Use case
Individuals and developers who switch between multiple devices (e.g. laptop and desktop) and multiple AI clients (e.g. different vendors' assistants, local model front-ends) need to write accumulated preferences, context and conclusions from prior conversations into one shared memory layer and read them back on another device or client, continuing the same work without re-briefing the model.
The current alternative is each client's built-in conversation history and memory, or users manually copying key context and maintaining local notes and prompt templates; these stay bound to one client or one device and require manual transport across devices.

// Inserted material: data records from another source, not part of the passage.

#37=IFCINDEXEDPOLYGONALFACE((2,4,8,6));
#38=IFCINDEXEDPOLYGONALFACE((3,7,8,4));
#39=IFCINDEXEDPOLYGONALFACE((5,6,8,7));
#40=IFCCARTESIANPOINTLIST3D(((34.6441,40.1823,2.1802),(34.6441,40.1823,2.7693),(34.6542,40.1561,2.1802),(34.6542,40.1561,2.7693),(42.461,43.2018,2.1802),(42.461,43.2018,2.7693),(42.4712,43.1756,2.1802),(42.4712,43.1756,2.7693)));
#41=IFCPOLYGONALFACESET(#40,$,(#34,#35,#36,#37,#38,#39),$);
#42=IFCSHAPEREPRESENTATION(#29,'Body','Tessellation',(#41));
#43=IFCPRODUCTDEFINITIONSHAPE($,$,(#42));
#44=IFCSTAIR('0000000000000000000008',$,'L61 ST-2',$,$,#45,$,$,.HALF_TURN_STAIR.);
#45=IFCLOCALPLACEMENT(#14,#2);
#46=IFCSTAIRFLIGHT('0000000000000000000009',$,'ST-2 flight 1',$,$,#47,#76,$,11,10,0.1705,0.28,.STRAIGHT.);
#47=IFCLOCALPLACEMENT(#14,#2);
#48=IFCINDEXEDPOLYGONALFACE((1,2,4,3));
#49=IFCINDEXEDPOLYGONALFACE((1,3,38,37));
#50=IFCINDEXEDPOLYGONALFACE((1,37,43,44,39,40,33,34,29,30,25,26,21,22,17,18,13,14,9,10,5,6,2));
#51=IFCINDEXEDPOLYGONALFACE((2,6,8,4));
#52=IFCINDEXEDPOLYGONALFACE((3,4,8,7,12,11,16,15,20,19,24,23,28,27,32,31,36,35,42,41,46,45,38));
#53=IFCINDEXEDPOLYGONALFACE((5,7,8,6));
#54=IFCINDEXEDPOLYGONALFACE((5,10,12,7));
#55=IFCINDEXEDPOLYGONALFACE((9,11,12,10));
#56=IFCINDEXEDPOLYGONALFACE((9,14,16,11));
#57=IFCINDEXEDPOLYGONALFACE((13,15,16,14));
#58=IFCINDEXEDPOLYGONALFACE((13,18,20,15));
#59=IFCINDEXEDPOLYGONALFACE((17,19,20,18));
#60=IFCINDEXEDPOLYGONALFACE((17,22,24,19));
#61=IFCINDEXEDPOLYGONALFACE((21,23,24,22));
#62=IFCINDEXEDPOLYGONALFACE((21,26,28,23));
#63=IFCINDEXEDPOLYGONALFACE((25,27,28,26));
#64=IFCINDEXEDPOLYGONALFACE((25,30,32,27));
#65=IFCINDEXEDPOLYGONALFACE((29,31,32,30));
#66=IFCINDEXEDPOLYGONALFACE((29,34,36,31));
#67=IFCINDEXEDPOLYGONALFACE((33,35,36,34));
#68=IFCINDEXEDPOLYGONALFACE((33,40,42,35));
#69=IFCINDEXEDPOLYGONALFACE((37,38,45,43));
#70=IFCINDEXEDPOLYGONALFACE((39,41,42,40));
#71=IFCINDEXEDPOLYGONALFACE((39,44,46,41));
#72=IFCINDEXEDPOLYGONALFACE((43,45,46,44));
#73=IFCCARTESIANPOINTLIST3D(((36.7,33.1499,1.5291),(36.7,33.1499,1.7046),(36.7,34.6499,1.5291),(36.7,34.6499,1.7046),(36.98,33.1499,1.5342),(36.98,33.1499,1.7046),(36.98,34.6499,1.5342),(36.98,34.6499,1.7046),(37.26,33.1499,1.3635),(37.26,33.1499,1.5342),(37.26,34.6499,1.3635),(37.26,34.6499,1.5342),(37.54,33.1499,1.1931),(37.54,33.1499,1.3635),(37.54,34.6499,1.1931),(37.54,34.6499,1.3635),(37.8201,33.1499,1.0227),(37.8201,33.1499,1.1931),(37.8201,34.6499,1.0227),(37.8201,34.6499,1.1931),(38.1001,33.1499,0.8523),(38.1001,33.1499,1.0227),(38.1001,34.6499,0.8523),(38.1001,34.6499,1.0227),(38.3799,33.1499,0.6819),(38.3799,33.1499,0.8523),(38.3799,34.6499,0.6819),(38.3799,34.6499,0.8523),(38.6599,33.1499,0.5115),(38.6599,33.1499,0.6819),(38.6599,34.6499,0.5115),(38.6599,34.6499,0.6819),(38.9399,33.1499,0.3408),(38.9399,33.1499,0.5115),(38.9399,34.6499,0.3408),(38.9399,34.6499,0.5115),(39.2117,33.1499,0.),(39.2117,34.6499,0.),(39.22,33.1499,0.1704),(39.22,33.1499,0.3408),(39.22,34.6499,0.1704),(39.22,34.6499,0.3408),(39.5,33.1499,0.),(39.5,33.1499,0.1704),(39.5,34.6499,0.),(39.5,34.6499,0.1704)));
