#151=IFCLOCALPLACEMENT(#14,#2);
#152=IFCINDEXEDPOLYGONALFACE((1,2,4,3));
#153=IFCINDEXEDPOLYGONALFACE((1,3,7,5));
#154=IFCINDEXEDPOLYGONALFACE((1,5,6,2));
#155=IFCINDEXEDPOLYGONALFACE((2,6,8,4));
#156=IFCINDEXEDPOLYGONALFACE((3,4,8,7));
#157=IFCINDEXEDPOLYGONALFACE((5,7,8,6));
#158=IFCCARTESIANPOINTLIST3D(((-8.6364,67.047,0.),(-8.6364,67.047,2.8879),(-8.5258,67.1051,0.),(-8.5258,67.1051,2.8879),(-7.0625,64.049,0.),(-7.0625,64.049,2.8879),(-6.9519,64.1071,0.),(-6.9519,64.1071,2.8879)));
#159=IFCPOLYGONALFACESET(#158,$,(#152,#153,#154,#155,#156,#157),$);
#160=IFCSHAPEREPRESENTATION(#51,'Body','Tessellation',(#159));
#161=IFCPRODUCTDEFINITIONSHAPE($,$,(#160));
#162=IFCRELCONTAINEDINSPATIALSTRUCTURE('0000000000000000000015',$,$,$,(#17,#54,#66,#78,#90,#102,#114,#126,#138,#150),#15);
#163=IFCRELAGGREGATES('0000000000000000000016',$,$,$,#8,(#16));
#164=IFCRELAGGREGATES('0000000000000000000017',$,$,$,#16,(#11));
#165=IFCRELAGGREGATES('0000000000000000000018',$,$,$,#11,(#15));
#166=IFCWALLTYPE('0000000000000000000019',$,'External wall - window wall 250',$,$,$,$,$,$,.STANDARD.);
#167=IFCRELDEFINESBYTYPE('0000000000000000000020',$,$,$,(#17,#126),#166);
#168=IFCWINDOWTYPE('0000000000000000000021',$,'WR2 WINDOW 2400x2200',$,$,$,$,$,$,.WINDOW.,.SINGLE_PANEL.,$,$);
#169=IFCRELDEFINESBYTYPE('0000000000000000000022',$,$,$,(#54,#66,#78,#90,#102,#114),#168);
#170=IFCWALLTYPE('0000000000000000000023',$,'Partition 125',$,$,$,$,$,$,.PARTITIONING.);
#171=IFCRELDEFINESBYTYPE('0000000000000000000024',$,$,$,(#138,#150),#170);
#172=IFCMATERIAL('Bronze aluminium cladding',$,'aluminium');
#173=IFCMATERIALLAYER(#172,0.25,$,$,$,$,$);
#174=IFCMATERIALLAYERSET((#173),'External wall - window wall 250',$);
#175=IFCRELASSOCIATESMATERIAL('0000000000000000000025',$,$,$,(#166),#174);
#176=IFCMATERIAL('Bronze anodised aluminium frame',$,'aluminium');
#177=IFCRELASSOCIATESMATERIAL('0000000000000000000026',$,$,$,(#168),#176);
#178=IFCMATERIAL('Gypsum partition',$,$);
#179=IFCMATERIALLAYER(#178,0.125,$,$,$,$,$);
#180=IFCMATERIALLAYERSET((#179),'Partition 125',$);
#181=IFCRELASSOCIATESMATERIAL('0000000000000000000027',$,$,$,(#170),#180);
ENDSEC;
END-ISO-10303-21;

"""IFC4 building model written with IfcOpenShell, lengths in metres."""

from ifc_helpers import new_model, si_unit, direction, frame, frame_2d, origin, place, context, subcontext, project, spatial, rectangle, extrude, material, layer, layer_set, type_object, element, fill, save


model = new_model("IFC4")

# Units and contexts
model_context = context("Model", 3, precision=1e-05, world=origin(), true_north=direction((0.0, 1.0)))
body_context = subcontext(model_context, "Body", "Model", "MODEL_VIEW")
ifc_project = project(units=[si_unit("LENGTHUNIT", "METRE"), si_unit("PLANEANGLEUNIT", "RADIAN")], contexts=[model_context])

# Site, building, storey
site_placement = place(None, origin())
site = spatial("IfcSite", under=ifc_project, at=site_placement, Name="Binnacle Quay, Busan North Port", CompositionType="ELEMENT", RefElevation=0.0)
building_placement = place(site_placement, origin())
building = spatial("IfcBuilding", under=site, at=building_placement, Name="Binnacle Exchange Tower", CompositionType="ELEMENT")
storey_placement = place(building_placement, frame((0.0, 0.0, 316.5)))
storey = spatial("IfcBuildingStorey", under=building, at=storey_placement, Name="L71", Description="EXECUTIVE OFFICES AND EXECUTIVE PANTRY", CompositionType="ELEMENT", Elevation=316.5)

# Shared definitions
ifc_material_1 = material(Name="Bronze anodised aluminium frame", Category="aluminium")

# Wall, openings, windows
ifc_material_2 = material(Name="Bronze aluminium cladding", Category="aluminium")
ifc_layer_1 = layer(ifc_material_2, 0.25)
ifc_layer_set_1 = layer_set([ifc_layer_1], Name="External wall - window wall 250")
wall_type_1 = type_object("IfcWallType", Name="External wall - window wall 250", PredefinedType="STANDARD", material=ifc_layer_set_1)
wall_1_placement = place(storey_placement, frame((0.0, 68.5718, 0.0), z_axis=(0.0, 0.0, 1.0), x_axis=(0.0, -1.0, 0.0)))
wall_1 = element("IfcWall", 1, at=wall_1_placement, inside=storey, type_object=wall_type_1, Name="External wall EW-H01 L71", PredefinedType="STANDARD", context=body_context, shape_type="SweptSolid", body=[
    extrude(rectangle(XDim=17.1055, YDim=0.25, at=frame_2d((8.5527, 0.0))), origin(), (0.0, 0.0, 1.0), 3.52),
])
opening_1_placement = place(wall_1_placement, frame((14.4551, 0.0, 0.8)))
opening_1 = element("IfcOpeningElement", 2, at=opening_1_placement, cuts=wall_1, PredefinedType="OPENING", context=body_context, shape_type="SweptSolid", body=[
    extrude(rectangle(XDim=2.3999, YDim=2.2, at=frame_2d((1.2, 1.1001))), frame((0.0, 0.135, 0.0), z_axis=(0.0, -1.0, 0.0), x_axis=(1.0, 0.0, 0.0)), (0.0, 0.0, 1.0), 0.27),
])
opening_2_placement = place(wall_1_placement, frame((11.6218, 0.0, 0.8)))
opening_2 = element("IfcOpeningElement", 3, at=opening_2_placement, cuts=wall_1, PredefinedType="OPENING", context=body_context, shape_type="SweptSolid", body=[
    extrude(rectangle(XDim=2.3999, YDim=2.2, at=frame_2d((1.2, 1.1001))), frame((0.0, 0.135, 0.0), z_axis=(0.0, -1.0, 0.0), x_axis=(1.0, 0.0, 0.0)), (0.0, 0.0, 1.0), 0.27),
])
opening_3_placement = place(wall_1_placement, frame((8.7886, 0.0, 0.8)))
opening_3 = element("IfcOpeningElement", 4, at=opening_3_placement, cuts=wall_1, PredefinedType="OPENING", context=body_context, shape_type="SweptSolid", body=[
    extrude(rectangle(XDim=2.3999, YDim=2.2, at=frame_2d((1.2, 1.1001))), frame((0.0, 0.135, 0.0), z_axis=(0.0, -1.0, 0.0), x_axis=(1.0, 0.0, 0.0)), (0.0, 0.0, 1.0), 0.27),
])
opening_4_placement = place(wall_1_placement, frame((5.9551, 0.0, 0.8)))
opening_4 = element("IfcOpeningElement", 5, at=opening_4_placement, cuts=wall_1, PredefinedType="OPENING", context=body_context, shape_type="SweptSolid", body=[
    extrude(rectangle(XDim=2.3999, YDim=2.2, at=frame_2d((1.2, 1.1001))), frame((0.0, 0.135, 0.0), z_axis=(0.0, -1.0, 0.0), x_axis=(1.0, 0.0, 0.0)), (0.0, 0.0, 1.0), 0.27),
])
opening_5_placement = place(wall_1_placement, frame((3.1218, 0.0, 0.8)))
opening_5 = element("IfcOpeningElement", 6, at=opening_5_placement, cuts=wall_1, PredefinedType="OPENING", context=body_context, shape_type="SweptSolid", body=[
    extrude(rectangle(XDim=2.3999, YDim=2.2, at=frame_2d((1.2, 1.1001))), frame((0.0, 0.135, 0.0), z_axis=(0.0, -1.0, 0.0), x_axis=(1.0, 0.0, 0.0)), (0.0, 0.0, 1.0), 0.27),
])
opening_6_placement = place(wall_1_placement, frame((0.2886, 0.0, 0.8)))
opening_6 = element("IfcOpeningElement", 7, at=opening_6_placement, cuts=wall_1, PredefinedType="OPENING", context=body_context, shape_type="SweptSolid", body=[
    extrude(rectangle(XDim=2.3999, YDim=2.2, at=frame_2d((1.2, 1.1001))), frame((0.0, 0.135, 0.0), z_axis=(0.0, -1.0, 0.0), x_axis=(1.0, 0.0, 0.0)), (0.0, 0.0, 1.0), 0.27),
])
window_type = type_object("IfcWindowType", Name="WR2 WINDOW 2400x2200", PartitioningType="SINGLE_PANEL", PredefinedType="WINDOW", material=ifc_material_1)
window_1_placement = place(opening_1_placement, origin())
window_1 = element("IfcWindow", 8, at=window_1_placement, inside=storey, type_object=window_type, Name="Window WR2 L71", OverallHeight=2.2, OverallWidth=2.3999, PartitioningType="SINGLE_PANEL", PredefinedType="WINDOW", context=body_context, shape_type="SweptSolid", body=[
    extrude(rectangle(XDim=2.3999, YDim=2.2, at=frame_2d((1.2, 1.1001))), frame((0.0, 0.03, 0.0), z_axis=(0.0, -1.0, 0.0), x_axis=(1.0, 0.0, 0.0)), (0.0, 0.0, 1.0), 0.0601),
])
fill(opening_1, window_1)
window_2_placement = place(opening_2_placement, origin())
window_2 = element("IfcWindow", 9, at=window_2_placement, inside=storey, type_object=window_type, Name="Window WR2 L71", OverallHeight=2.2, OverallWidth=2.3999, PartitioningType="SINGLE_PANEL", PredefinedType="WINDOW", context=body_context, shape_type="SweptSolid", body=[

Public materials only give the product positioning (a cross-device, cross-platform shared memory layer for AI, a CDSMP implementation) with no user complaints or cases; reasoning from workflow structure, the pain is that each AI client keeps its own conversation memory, so switching device or client resets context, forcing users to re-paste background and restate preferences while conclusions stay scattered across closed memory silos.
xOcto's call
Demand is evidenced
Memory is turning from an app's internal state into a user-owned asset, and whoever holds cross-app memory holds switching costs. The opening is not another protocol layer but auditable local memory hosting for privacy-sensitive settings such as law firms or clinics, priced per device or per stored volume; public material is not yet enough to judge whether developers will actually migrate their memory.
Reason to use it
Why users would choose it
Inference: compared with manual copy-paste or relying on a single client's memory, it abstracts memory write and read-back into a cross-device shared layer, so preferences and conclusions confirmed on one device can be called directly on another device or client, removing the step of re-briefing context; therefore individuals and developers who frequently switch between devices and AI clients and care about context continuity would choose it in that situation. Public material
Where the easy answer breaks down
The tension worth following
An English validation note will follow from the public evidence.
If this is your job
Worth trying. Inference: compared with manual copy-paste or relying on a single client's memory, it abstracts memory write and read-back into a cross-device shared layer, so preferences and conclusions confirmed on one device can be called directly on another device or client, removing the step of re-briefing context; therefore individuals and developers who frequently switch between devices and AI clients and care about context continuity would choose it in that situation. Public material
Entry and what to borrow
Memory is turning from an app's internal state into a user-owned asset, and whoever holds cross-app memory holds switching costs. The opening is not another protocol layer but auditable local memory hosting for privacy-sensitive settings such as law firms or clinics, priced per device or per stored volume; public material is not yet enough to judge whether developers will actually migrate their memory.